Graeme Robertson with four more great war films (that still aren’t Saving Private Ryan)…
A while back I wrote a feature in which I looked back at four of what I considered to be great war films, with the main linking theme being that they weren’t Steven Spielberg’s beloved classic Saving Private Ryan.
However, as many of you are likely to agree that those films, while great, are not the only great war films that aren’t Saving Private Ryan, so thankfully my Flickering overlords have granted me another chance to talk about even more films that I feel you all should take a look at.
While I focused exclusively on World War II films in the first feature, this time I’ve added a touch more variety when picking my cinematic depictions of war this time around, so get ready for a trip to the dying days of World War II, the napalm singed jungles of Vietnam and even a trip into the hypothetical nightmare world of World War III.
So join me as we take yet another trip into the trenches to talk about four more great war films that I think you should watch, that still aren’t Saving Private Ryan.
Red Dawn (1984)
The 1980s are often held up as the decade in which the Cold War came to an end, with the superpowers of the USA and the USSR finally putting aside their ideological rivalries for the sake of preserving peace.
At least this was the case towards the end of the decade because at the start of the decade the relationship was anything but pleasant with the superpowers at each other’s throats and threatening to nuke one another’s bollocks into oblivion.
In the midst of this tense period, the self-styled “zen anarchist” that is John Milius released his 1984 action war epic Red Dawn, a film that imagines what might have been if the Cold War had turned into a World War.
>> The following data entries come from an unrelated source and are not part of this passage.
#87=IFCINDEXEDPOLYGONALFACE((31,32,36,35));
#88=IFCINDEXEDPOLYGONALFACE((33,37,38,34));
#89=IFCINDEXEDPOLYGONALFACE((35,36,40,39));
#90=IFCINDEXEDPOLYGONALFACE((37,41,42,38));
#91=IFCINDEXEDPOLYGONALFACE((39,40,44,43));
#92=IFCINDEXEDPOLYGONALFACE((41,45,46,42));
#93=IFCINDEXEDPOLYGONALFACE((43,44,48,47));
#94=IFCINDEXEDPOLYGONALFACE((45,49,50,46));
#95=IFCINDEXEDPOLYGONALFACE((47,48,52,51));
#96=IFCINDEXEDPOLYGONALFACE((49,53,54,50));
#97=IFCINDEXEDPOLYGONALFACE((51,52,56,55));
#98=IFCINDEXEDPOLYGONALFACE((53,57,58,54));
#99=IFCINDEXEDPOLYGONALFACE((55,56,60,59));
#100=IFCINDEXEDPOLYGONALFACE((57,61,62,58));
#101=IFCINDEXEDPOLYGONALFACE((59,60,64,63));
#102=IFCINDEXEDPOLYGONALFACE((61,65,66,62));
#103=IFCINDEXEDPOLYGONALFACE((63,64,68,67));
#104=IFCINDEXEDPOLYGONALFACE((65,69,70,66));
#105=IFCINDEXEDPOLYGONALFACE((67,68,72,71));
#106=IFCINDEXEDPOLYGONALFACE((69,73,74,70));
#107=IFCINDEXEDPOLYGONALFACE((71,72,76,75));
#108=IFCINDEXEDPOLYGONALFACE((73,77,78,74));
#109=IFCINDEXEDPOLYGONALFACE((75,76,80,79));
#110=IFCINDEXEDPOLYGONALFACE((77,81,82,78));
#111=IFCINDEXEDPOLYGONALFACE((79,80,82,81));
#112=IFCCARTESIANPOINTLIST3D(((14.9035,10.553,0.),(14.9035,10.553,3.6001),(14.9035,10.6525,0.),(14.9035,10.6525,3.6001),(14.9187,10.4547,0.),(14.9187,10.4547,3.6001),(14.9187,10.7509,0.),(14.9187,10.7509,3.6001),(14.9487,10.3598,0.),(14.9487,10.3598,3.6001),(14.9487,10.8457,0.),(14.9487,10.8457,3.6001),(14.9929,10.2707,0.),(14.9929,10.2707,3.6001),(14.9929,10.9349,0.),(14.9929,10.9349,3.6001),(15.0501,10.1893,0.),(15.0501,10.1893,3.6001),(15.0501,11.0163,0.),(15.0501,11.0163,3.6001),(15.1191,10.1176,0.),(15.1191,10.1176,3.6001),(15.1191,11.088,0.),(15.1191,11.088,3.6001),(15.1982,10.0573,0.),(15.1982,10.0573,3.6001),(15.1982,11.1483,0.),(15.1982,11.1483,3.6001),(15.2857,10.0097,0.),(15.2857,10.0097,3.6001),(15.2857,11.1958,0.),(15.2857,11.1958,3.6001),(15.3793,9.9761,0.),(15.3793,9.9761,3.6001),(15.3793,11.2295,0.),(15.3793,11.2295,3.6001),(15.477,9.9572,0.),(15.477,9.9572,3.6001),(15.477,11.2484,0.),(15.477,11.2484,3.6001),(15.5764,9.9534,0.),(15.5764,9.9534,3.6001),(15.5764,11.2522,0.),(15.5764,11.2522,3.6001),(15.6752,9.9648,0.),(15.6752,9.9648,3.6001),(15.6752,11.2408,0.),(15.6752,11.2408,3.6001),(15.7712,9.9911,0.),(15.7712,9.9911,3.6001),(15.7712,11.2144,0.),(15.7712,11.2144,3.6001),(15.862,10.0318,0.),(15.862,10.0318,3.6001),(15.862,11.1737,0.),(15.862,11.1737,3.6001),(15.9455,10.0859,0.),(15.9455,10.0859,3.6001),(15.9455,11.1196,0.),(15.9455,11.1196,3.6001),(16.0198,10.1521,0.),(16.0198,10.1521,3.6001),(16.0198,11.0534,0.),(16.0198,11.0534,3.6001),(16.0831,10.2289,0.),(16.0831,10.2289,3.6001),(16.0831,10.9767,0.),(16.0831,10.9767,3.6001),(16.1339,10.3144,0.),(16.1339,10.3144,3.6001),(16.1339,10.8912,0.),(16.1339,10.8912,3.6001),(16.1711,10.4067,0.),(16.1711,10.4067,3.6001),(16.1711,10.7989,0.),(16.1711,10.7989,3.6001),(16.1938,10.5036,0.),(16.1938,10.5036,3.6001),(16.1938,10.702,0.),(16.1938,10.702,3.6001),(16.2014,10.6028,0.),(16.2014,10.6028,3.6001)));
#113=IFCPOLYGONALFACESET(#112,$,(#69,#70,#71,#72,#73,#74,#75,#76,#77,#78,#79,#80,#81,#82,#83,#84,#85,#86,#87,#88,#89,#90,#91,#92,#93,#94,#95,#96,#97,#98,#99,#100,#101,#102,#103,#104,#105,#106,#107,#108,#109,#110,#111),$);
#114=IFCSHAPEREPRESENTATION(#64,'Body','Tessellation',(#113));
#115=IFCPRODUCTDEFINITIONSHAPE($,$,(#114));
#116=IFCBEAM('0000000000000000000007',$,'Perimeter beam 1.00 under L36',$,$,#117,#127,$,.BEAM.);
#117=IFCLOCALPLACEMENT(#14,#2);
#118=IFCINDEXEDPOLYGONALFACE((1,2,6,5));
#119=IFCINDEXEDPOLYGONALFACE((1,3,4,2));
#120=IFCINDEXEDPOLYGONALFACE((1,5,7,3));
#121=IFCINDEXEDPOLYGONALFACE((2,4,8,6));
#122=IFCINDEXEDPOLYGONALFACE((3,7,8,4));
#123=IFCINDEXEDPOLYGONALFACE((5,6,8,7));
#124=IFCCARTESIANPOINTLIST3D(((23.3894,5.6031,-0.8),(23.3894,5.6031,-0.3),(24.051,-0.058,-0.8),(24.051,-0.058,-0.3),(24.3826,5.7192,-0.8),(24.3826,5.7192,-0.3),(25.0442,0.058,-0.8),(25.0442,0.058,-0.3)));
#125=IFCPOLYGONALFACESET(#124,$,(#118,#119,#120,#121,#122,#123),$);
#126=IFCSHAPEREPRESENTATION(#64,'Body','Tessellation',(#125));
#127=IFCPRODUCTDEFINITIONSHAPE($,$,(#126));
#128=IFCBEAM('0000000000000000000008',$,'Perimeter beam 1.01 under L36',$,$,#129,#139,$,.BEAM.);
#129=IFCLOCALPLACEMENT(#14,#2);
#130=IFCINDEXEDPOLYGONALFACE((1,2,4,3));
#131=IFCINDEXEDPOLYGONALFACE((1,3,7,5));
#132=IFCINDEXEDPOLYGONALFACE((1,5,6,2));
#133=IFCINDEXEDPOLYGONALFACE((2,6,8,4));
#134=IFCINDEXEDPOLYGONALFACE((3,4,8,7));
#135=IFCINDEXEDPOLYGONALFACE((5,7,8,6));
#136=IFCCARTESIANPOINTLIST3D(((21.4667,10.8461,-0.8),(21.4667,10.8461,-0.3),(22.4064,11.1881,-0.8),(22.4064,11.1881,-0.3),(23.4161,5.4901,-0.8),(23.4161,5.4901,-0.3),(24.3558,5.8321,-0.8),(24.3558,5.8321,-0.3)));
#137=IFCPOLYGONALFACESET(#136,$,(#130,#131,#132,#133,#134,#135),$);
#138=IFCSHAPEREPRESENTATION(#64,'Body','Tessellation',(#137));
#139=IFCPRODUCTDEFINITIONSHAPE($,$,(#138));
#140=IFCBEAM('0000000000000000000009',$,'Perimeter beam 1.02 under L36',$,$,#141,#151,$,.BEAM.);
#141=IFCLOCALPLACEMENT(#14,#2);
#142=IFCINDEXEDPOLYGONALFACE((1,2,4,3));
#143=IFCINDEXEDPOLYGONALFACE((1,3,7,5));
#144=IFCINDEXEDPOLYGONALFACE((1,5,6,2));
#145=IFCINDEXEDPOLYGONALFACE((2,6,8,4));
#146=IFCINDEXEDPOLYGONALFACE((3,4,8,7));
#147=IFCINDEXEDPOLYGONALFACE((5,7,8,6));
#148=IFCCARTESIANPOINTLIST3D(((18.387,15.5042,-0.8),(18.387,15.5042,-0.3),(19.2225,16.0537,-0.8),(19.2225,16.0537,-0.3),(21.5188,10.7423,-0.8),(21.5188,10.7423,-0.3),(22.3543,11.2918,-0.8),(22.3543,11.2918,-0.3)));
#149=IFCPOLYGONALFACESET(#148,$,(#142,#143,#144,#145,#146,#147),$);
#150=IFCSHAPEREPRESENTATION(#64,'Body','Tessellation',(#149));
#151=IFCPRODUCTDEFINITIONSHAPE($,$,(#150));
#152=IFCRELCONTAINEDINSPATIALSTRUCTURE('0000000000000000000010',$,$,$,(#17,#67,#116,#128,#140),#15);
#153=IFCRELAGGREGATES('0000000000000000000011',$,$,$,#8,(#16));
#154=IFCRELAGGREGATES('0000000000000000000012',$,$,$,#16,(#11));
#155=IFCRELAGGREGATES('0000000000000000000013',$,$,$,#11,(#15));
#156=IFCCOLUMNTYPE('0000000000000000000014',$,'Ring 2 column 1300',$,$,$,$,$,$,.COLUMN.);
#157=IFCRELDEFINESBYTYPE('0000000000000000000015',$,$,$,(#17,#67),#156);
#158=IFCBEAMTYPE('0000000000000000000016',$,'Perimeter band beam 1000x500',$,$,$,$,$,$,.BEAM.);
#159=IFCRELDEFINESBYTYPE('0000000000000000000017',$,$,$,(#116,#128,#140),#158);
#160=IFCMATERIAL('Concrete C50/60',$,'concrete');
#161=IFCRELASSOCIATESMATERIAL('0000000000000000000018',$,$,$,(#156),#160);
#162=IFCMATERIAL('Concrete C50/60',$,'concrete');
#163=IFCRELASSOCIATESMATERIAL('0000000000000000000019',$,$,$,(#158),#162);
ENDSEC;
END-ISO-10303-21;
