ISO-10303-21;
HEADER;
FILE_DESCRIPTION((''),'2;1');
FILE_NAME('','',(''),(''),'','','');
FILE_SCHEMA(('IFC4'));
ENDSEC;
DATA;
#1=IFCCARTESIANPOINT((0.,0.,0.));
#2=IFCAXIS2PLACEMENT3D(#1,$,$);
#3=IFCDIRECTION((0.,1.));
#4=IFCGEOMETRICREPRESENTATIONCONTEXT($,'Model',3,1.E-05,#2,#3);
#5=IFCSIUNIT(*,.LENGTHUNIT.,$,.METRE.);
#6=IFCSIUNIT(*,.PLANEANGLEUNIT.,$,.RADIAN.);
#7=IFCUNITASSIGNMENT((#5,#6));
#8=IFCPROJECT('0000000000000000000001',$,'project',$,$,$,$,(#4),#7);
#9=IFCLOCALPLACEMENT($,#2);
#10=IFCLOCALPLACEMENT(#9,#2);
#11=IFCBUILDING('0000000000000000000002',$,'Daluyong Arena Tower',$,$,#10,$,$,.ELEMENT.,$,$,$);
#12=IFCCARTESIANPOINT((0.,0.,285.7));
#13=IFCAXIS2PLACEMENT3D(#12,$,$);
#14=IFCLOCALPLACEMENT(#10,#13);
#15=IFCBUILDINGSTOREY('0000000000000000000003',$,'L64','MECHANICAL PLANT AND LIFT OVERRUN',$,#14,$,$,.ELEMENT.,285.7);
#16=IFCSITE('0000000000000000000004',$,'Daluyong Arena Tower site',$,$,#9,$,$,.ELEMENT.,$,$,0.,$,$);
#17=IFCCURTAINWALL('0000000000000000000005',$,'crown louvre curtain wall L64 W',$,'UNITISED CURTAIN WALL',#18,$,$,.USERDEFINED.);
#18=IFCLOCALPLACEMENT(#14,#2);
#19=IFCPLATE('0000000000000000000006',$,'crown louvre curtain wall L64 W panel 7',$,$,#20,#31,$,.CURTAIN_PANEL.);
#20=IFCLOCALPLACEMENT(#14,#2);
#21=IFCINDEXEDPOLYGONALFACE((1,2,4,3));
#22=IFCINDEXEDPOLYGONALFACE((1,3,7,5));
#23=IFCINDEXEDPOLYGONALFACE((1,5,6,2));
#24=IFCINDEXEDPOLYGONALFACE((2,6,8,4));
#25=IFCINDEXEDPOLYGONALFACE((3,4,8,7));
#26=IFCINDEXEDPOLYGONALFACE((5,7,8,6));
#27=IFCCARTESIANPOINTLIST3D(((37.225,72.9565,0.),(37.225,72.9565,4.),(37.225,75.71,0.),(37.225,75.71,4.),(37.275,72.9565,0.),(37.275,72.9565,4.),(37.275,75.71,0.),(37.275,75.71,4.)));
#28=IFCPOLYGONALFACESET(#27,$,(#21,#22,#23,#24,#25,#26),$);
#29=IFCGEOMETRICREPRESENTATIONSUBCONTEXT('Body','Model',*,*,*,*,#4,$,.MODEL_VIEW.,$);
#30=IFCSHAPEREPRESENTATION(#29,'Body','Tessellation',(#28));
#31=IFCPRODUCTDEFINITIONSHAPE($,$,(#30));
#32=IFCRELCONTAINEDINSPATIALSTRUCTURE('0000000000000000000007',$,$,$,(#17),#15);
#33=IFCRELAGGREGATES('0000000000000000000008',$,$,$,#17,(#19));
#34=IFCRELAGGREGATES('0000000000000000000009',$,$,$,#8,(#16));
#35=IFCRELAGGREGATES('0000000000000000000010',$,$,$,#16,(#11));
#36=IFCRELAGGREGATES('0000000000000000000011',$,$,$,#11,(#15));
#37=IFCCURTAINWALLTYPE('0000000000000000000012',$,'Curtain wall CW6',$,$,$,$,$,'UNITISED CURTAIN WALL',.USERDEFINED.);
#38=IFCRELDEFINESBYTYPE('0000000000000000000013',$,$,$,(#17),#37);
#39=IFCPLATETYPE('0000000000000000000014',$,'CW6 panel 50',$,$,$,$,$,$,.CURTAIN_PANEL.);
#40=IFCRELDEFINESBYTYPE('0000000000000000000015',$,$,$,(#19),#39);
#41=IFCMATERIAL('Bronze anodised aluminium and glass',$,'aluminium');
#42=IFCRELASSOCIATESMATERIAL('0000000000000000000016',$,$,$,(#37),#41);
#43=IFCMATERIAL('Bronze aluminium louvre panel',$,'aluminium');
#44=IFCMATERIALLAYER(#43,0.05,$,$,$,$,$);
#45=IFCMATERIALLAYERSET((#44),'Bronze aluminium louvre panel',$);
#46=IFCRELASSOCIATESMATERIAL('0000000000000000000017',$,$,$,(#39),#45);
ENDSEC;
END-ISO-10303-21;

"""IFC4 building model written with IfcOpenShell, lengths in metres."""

from ifc_helpers import new_model, si_unit, direction, frame, origin, origin_2d, place, context, subcontext, project, spatial, rectangle, extrude, material, layer, layer_set, type_object, element, aggregate, save


model = new_model("IFC4")

# Units and contexts
model_context = context("Model", 3, precision=1e-05, world=origin(), true_north=direction((0.0, 1.0)))
body_context = subcontext(model_context, "Body", "Model", "MODEL_VIEW")
ifc_project = project(units=[si_unit("LENGTHUNIT", "METRE"), si_unit("PLANEANGLEUNIT", "RADIAN")], contexts=[model_context])

# Site, building, storey
site_placement = place(None, origin())
site = spatial("IfcSite", under=ifc_project, at=site_placement, Name="Daluyong Arena Tower site", CompositionType="ELEMENT", RefElevation=0.0)
building_placement = place(site_placement, origin())
building = spatial("IfcBuilding", under=site, at=building_placement, Name="Daluyong Arena Tower", CompositionType="ELEMENT")
storey_placement = place(building_placement, frame((0.0, 0.0, 285.7)))
storey = spatial("IfcBuildingStorey", under=building, at=storey_placement, Name="L64", Description="MECHANICAL PLANT AND LIFT OVERRUN", CompositionType="ELEMENT", Elevation=285.7)

# Curtain wall
ifc_material_1 = material(Name="Bronze anodised aluminium and glass", Category="aluminium")
curtain_wall_type = type_object("IfcCurtainWallType", Name="Curtain wall CW6", ElementType="UNITISED CURTAIN WALL", PredefinedType="USERDEFINED", material=ifc_material_1)
curtain_wall_placement = place(storey_placement, origin())
curtain_wall = element("IfcCurtainWall", 1, at=curtain_wall_placement, inside=storey, type_object=curtain_wall_type, Name="crown louvre curtain wall L64 W", ObjectType="UNITISED CURTAIN WALL", PredefinedType="USERDEFINED")

# Plate
ifc_material_2 = material(Name="Bronze aluminium louvre panel", Category="aluminium")
ifc_layer = layer(ifc_material_2, 0.05)
ifc_layer_set = layer_set([ifc_layer], Name="Bronze aluminium louvre panel")
plate_type = type_object("IfcPlateType", Name="CW6 panel 50", PredefinedType="CURTAIN_PANEL", material=ifc_layer_set)
plate_placement = place(storey_placement, frame((37.25, 74.3333, 0.0), z_axis=(0.0, 0.0, 1.0), x_axis=(0.0, -1.0, 0.0)))
plate = element("IfcPlate", 2, at=plate_placement, type_object=plate_type, Name="crown louvre curtain wall L64 W panel 7", PredefinedType="CURTAIN_PANEL", context=body_context, shape_type="SweptSolid", body=[
    extrude(rectangle(XDim=2.7534, YDim=0.05, at=origin_2d()), origin(), (0.0, 0.0, 1.0), 4.0),
])
aggregate(curtain_wall, [plate])

save(model, "model.ifc")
A group of small town high school kids are confronted with the might of the Red Army, as the Soviet Union in co-operation with its communist South American allies launches a full-scale invasion of the United States, igniting World War III in the process. Fleeing to the mountains, the teens gradually build up their strength, learn to fight and begin to take the battle back to the invaders, styling themselves as a guerrilla faction dubbed the “Wolverines”.
The heroes of the film who take the fight to the nefarious Communist invaders are not your typical 80s action heroes, with the ranks of the Wolverines instead being a who’s who of popular 1980s teen stars and one underrated cult legend.
We have the late Patrick Swayze, a pre-insanity Charlie Sheen, the Soul Man himself C. Thomas Howell, Marty McFly’s mum Lea Thompson and oddly enough Jennifer Grey, perhaps best known as “Baby” from Dirty Dancing which also starred Swayze. That film would have been a lot more up my alley if it climaxed with Swayze’s dance scene being gate crashed by a Soviet tank, but that’s just me.
The performances aren’t bad, although they are a bit limited to the cast screaming, crying or a mixture of both, although Howell does stand apart in that he spends much of the film changing from a scared teenager into a rather cold-blooded killing machine. Maybe it’s so he can be tough enough to survive his encounter with Rutger Hauer in The Hitcher (which is an AWESOME film by the way). Also, keep an eye out for a memorable appearance from the always reliable Harry Dean Stanton as Sheen and Swayze’s imprisoned father who insists quite strongly that they “AVENGE ME!!!!!!!!!”
Although for my money, the film is elevated by the mere presence of the underrated cult actor Powers Boothe as downed fighter pilot Tanner who acts a kind of badass cigar-chomping Obi-Wan to the teenagers, offering guidance on the state of the war and helping to plan raids and ambushes. Boothe is just one of those actors who whenever he appears, not matter how small the role, he just owns the screen and you know you’re in for a good bit of fun. Except for that time he played Jim Jones, that wasn’t so much fun.
The villains, however, don’t get nearly as much character development with many of them being your standard stock evil foreign commies, written with all the depth of a puddle. Save for the lone South American commander who begins the film as a loyal commie commander but gradually comes to understand and respect his new enemies, although he does sport a truly glorious South American moustache.
This being a war film, it is littered with lots of great set pieces. The most impressive and certainly most striking is the film’s intense and genuinely terrifying opening invasion scene, with Soviet paratroopers quietly landing behind a school, before unloading their heavy weapons upon the students inside. It’s a high note that the film manages to just about maintain with its various ambushes, raids, and tank battles that make for an all round entertaining slice of 80s Cold War paranoia, we even get a pretty spectacular napalm strike in one scene, although Robert Duvall is sadly not involved.
Now it’s easy to denounce this film as nothing more than a piece of Reagan-era right-wing Republican Party sanctioned commie killing propaganda. And in many respects, that’s exactly what it is, a piece of crazy paranoid right-wing propaganda, but I’d be lying if I said it wasn’t the most entertaining piece of right-wing propaganda that I’ve ever seen.
Red Dawn is one of the most fun war films to come out of the 1980s, packed with great set pieces, a great turn from the legend that is Powers Boothe, and sense of madness that makes it an enjoyable slice of right-wing Cold War insanity.